Delivering Water to Coorong, Lower Lakes
Water flows have been listed as a priority for the Coorong and Lower Lakes to allow native fish to move between the sea and freshwater, and maintain the natural habitat
The Murray-Darling Basin Authority has released its annual watering priorities, as dry conditions are expected to continue across the basin. The Coorong, Lake Alexandrina and Lake Albert make up one of Australia’s largest wetland systems at a total of 142,000ha. The authority has identified the area as an important feeding habitat for international migratory waterbirds, and for managing salinity.
Delivering water in the Coorong, Lower Lakes, through to the Murray Mouth is believed to:
- Connect the River Murray to the Southern Ocean
- Maintain seasonal flow for migratory fish movement
- Improve habitat, maintain salinity and the Ruppia tuberose aquatic plant, water quality in the Lower Lakes, and export salt out of the basin
- Support food sources including insects, crustaceans, mites, molluscs and worms.
Dry conditions over recent years have led to a continual fall in the volume of water flowing through South Australia.
In 2010-11, more than 15,000 GL of water arrived in the River Murray in SA, compared with 2446 GL recorded in the past year.
The delivery of planned environmental water flows between 2013 and 2015 has led to the increase of Murray hardyhead and other native fish in Lake Alexandrina.
Fish including congolli, lamprey and common galaxias were also able to move through the barrages from the Lower Lakes into the Coorong and Southern Ocean, with some lamprey detected in the River Murray.
A flow of water will facilitate migration and maintain the growth of the Ruppia tuberosa aquatic plant — an important food source for waterbirds and fish.Traditional owners have supported maintaining connectivity and say “removing barriers to native fish movement” to maintain connectivity is important to them.

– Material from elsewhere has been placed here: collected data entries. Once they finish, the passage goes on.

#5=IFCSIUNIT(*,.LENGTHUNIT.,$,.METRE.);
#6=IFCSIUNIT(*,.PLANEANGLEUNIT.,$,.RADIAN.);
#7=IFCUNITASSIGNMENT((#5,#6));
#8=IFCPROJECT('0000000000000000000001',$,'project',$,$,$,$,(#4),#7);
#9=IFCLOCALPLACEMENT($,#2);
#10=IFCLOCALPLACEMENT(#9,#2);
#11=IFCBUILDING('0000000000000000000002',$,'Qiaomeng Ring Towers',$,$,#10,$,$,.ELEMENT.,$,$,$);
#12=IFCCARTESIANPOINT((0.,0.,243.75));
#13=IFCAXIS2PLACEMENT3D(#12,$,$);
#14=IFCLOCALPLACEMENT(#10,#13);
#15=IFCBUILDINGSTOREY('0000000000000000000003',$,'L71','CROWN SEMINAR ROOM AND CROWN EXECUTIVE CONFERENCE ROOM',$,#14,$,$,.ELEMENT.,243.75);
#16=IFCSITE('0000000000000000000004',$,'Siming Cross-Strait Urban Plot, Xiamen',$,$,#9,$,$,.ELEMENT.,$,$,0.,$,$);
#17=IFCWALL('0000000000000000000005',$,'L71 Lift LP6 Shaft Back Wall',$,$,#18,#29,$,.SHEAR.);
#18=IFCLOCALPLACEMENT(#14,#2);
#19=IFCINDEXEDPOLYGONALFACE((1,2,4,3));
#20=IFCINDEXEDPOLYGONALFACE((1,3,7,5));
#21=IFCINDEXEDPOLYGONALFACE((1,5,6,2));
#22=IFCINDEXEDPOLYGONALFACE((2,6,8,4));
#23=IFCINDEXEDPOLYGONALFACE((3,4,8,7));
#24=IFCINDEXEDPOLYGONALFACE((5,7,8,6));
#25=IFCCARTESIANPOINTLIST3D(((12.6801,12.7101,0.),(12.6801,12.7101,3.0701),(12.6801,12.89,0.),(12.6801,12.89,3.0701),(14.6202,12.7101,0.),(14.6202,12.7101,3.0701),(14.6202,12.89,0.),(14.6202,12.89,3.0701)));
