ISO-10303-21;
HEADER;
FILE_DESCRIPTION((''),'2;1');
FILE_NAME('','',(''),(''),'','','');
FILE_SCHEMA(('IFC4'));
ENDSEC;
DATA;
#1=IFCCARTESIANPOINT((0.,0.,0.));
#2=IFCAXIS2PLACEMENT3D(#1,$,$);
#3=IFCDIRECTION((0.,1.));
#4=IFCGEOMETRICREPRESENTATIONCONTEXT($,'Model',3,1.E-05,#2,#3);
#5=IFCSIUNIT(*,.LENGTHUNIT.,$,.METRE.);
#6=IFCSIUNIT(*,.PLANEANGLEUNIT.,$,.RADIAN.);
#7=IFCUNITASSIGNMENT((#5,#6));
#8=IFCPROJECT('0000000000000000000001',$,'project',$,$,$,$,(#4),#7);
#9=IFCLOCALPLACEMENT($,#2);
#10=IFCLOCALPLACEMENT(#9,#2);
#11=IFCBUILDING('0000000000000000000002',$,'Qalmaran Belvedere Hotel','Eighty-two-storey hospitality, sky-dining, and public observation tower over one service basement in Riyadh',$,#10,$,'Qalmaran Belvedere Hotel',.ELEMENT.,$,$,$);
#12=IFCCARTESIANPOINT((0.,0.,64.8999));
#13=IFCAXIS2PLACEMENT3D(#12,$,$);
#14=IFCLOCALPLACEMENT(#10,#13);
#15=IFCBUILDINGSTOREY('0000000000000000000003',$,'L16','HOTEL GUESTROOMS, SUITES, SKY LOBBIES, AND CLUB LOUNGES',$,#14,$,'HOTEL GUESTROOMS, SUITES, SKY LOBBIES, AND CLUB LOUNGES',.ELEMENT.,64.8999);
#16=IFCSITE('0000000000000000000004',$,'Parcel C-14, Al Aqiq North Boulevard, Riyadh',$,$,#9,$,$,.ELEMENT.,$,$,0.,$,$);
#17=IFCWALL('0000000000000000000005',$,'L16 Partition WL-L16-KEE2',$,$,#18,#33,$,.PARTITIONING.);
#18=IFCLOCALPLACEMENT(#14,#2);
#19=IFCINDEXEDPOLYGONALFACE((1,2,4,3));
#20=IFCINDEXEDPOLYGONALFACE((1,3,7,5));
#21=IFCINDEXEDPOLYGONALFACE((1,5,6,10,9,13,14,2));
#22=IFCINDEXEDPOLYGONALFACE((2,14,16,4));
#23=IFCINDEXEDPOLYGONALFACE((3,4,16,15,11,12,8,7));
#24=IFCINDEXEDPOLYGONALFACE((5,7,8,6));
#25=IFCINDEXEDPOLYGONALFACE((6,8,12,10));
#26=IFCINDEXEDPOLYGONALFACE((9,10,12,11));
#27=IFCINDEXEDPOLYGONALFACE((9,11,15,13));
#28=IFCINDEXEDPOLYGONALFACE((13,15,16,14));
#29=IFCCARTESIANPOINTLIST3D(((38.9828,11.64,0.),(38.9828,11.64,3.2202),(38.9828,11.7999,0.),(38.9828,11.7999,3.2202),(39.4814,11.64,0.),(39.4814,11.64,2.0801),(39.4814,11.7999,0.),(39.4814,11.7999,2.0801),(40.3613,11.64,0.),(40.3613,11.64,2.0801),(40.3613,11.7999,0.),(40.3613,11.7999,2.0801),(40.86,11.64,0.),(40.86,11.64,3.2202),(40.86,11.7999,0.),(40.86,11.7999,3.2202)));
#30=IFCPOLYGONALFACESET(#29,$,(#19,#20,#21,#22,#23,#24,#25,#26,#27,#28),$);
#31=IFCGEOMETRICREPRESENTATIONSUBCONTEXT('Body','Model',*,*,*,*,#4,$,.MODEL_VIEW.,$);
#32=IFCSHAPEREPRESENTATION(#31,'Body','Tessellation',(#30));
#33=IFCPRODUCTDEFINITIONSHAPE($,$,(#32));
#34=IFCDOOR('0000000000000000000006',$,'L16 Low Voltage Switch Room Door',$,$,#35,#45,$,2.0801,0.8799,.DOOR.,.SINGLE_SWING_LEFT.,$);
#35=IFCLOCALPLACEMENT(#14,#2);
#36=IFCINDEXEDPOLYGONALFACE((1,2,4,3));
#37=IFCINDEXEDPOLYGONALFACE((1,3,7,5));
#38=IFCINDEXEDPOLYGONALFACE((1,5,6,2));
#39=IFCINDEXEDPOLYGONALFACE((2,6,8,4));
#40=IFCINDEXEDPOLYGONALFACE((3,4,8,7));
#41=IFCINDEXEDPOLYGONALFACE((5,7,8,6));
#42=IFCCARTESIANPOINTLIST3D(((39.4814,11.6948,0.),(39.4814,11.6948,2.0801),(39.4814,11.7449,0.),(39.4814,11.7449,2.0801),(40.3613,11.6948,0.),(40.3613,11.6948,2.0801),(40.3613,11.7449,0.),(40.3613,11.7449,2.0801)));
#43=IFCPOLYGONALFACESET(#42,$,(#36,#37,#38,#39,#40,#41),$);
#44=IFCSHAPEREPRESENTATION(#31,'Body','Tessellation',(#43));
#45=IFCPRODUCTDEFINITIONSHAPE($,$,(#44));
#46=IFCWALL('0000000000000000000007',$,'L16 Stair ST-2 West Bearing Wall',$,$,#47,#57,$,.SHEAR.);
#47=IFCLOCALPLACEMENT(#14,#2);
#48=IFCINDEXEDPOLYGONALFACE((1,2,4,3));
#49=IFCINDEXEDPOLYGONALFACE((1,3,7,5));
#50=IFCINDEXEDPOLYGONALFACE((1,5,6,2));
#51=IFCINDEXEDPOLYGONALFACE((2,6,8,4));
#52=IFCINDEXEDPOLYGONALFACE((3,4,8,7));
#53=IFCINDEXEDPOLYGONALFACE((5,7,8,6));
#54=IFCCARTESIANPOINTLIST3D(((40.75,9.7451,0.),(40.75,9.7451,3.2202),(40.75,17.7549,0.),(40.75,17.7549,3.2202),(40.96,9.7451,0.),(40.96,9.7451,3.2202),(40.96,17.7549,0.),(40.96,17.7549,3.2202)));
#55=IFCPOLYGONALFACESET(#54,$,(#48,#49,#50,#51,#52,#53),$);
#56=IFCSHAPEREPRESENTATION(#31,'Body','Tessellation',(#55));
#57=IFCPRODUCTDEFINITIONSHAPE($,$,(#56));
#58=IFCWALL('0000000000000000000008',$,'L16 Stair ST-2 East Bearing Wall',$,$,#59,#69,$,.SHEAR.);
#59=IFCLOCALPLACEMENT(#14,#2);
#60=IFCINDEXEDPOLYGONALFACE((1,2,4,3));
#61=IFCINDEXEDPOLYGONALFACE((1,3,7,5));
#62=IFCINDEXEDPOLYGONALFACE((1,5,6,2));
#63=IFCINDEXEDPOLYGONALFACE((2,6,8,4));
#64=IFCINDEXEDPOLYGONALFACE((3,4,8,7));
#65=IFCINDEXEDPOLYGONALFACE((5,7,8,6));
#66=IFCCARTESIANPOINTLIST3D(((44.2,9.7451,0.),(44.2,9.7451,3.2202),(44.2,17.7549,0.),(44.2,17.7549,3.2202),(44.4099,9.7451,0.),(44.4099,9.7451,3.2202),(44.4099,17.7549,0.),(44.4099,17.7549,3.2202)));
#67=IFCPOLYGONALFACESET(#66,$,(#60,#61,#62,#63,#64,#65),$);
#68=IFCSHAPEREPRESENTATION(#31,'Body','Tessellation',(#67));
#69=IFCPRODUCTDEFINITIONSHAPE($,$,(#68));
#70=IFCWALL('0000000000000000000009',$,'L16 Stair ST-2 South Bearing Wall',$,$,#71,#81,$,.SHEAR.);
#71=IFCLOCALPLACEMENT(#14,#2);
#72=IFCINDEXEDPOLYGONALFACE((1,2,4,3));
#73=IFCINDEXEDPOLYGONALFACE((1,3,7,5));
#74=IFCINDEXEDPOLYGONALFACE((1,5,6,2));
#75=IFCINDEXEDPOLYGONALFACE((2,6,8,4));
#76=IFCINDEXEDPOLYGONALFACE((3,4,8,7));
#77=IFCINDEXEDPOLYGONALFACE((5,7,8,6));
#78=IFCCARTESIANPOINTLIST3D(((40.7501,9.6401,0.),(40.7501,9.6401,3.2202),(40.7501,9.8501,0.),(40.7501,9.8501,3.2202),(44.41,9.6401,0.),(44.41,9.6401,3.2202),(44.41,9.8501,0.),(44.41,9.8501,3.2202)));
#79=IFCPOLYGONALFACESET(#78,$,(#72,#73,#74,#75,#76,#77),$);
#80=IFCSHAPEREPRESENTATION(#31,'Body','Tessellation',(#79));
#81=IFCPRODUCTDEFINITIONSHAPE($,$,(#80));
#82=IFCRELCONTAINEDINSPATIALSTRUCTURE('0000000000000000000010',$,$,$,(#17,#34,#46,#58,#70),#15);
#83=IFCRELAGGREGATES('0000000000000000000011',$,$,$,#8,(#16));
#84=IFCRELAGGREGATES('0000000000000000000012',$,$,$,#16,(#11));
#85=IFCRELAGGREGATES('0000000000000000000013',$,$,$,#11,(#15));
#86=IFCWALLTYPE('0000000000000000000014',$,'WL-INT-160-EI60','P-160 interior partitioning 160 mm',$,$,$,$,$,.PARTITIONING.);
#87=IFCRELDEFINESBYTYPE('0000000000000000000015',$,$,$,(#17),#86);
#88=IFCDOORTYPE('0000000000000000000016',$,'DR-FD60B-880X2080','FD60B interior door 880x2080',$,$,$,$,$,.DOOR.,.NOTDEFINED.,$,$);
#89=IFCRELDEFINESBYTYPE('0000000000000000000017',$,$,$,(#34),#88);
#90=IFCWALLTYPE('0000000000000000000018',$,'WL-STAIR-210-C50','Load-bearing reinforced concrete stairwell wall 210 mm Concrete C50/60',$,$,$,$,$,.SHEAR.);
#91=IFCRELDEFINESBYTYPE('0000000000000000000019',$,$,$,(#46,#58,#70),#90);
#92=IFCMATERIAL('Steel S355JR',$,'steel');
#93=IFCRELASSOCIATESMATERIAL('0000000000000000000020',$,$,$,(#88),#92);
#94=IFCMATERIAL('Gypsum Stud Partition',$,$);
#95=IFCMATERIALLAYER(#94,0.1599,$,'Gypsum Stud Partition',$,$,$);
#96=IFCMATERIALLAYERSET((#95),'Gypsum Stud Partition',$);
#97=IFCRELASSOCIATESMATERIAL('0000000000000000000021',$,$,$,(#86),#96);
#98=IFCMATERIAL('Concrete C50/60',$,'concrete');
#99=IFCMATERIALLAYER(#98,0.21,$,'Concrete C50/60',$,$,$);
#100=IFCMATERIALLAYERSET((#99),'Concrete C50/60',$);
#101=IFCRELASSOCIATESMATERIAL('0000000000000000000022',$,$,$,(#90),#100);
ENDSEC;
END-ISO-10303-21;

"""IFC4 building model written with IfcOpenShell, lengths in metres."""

from ifc_helpers import new_model, si_unit, direction, frame, frame_2d, origin, place, context, subcontext, project, spatial, rectangle, extrude, material, layer, layer_set, type_object, element, fill, save


model = new_model("IFC4")

# Units and contexts
model_context = context("Model", 3, precision=1e-05, world=origin(), true_north=direction((0.0, 1.0)))
body_context = subcontext(model_context, "Body", "Model", "MODEL_VIEW")
ifc_project = project(units=[si_unit("LENGTHUNIT", "METRE"), si_unit("PLANEANGLEUNIT", "RADIAN")], contexts=[model_context])

# Site, building, storey
site_placement = place(None, origin())
site = spatial("IfcSite", under=ifc_project, at=site_placement, Name="Parcel C-14, Al Aqiq North Boulevard, Riyadh", CompositionType="ELEMENT", RefElevation=0.0)
building_placement = place(site_placement, origin())
building = spatial("IfcBuilding", under=site, at=building_placement, Name="Qalmaran Belvedere Hotel", Description="Eighty-two-storey hospitality, sky-dining, and public observation tower over one service basement in Riyadh", LongName="Qalmaran Belvedere Hotel", CompositionType="ELEMENT")
storey_placement = place(building_placement, frame((0.0, 0.0, 64.8999)))
storey = spatial("IfcBuildingStorey", under=building, at=storey_placement, Name="L16", Description="HOTEL GUESTROOMS, SUITES, SKY LOBBIES, AND CLUB LOUNGES", LongName="HOTEL GUESTROOMS, SUITES, SKY LOBBIES, AND CLUB LOUNGES", CompositionType="ELEMENT", Elevation=64.8999)

# Shared definitions
ifc_material_1 = material(Name="Steel S355JR", Category="steel")

# Shared definitions
ifc_material_2 = material(Name="Gypsum Stud Partition")

# Wall, opening, door
door_type_1 = type_object("IfcDoorType", Name="DR-FD60B-880X2080", Description="FD60B interior door 880x2080", OperationType="NOTDEFINED", PredefinedType="DOOR", material=ifc_material_1)
ifc_layer_1 = layer(ifc_material_2, 0.1599, Name="Gypsum Stud Partition")
ifc_layer_set_1 = layer_set([ifc_layer_1], Name="Gypsum Stud Partition")
wall_type_1 = type_object("IfcWallType", Name="WL-INT-160-EI60", Description="P-160 interior partitioning 160 mm", PredefinedType="PARTITIONING", material=ifc_layer_set_1)
wall_1_placement = place(storey_placement, frame((38.9829, 11.72, 0.0), z_axis=(0.0, 0.0, 1.0), x_axis=(1.0, 0.0, 0.0)))
wall_1 = element("IfcWall", 1, at=wall_1_placement, inside=storey, type_object=wall_type_1, Name="L16 Partition WL-L16-KEE2", PredefinedType="PARTITIONING", context=body_context, shape_type="SweptSolid", body=[
    extrude(rectangle(XDim=1.8772, YDim=0.1599, at=frame_2d((0.9385, 0.0))), origin(), (0.0, 0.0, 1.0), 3.2202),
])
opening_1_placement = place(wall_1_placement, frame((0.4985, 0.0, 0.0)))
opening_1 = element("IfcOpeningElement", 2, at=opening_1_placement, cuts=wall_1, PredefinedType="OPENING", context=body_context, shape_type="SweptSolid", body=[
    extrude(rectangle(XDim=0.8799, YDim=2.0801, at=frame_2d((0.4399, 1.04))), frame((0.0, 0.0898, 0.0), z_axis=(0.0, -1.0, 0.0), x_axis=(1.0, 0.0, 0.0)), (0.0, 0.0, 1.0), 0.1799),
])
door_1_placement = place(opening_1_placement, origin())
door_1 = element("IfcDoor", 3, at=door_1_placement, inside=storey, type_object=door_type_1, Name="L16 Low Voltage Switch Room Door", OperationType="SINGLE_SWING_LEFT", OverallHeight=2.0801, OverallWidth=0.8799, PredefinedType="DOOR", context=body_context, shape_type="SweptSolid", body=[
    extrude(rectangle(XDim=0.8799, YDim=2.0801, at=frame_2d((0.4399, 1.04))), frame((0.0, 0.0249, 0.0), z_axis=(0.0, -1.0, 0.0), x_axis=(1.0, 0.0, 0.0)), (0.0, 0.0, 1.0), 0.05),
])
fill(opening_1, door_1)

# Walls
ifc_material_3 = material(Name="Concrete C50/60", Category="concrete")
ifc_layer_2 = layer(ifc_material_3, 0.21, Name="Concrete C50/60")
ifc_layer_set_2 = layer_set([ifc_layer_2], Name="Concrete C50/60")
wall_type_2 = type_object("IfcWallType", Name="WL-STAIR-210-C50", Description="Load-bearing reinforced concrete stairwell wall 210 mm Concrete C50/60", PredefinedType="SHEAR", material=ifc_layer_set_2)
for number, where, z_axis, x_axis, name in (
    (4, (40.855, 9.7451, 0.0), (0.0, 0.0, 1.0), (0.0, 1.0, 0.0), "L16 Stair ST-2 West Bearing Wall"),
    (5, (44.3049, 9.7451, 0.0), (0.0, 0.0, 1.0), (0.0, 1.0, 0.0), "L16 Stair ST-2 East Bearing Wall"),
):
    element("IfcWall", number, at=place(storey_placement, frame(where, z_axis=z_axis, x_axis=x_axis)), inside=storey, type_object=wall_type_2, Name=name, PredefinedType="SHEAR", context=body_context, shape_type="SweptSolid", body=[
        extrude(rectangle(XDim=8.0098, YDim=0.21, at=frame_2d((4.0049, 0.0))), origin(), (0.0, 0.0, 1.0), 3.2202),
    ])
wall_2_placement = place(storey_placement, frame((40.75, 9.7451, 0.0), z_axis=(0.0, 0.0, 1.0), x_axis=(1.0, 0.0, 0.0)))
element("IfcWall", 6, at=wall_2_placement, inside=storey, type_object=wall_type_2, Name="L16 Stair ST-2 South Bearing Wall", PredefinedType="SHEAR", context=body_context, shape_type="SweptSolid", body=[
    extrude(rectangle(XDim=3.6599, YDim=0.21, at=frame_2d((1.8301, 0.0))), origin(), (0.0, 0.0, 1.0), 3.2202),
])

save(model, "model.ifc")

It is the fourth time annual water priorities have been set — with South Australia’s building on priorities listed since 2013 — and Basin Authority spokesman Colin Mues said it was to ensure rivers and wetlands maintain their functions and resilience.
“Using water strategically supports the survival of native plants and animals in dry times, and means they can bounce back in wetter times,” he said.
“We’ve identified priorities that support the basin-wide indicators of river system health: native plants, waterbirds, native fish, and flows and connectivity.”
Up to $200 million has been invested into the Coorong, Lower Lakes and Murray Mouth recovery project by the Australian Government’s Water for the Future initiative over 10 years.
Through the Murray-Darling Basin Plan, annual 3200 gigalitres of water flow will be secured by 2024 for the benefit of the River Murray environment, its wetlands, floodplains, flora and fauna.
A spokesman for River Murray Minister Ian Hunter said environmental water holdings (including those recovered by The Basin Plan) “are quite separate from the water available for irrigation and are specifically made available to protect and restore healthy rivers and wetlands”.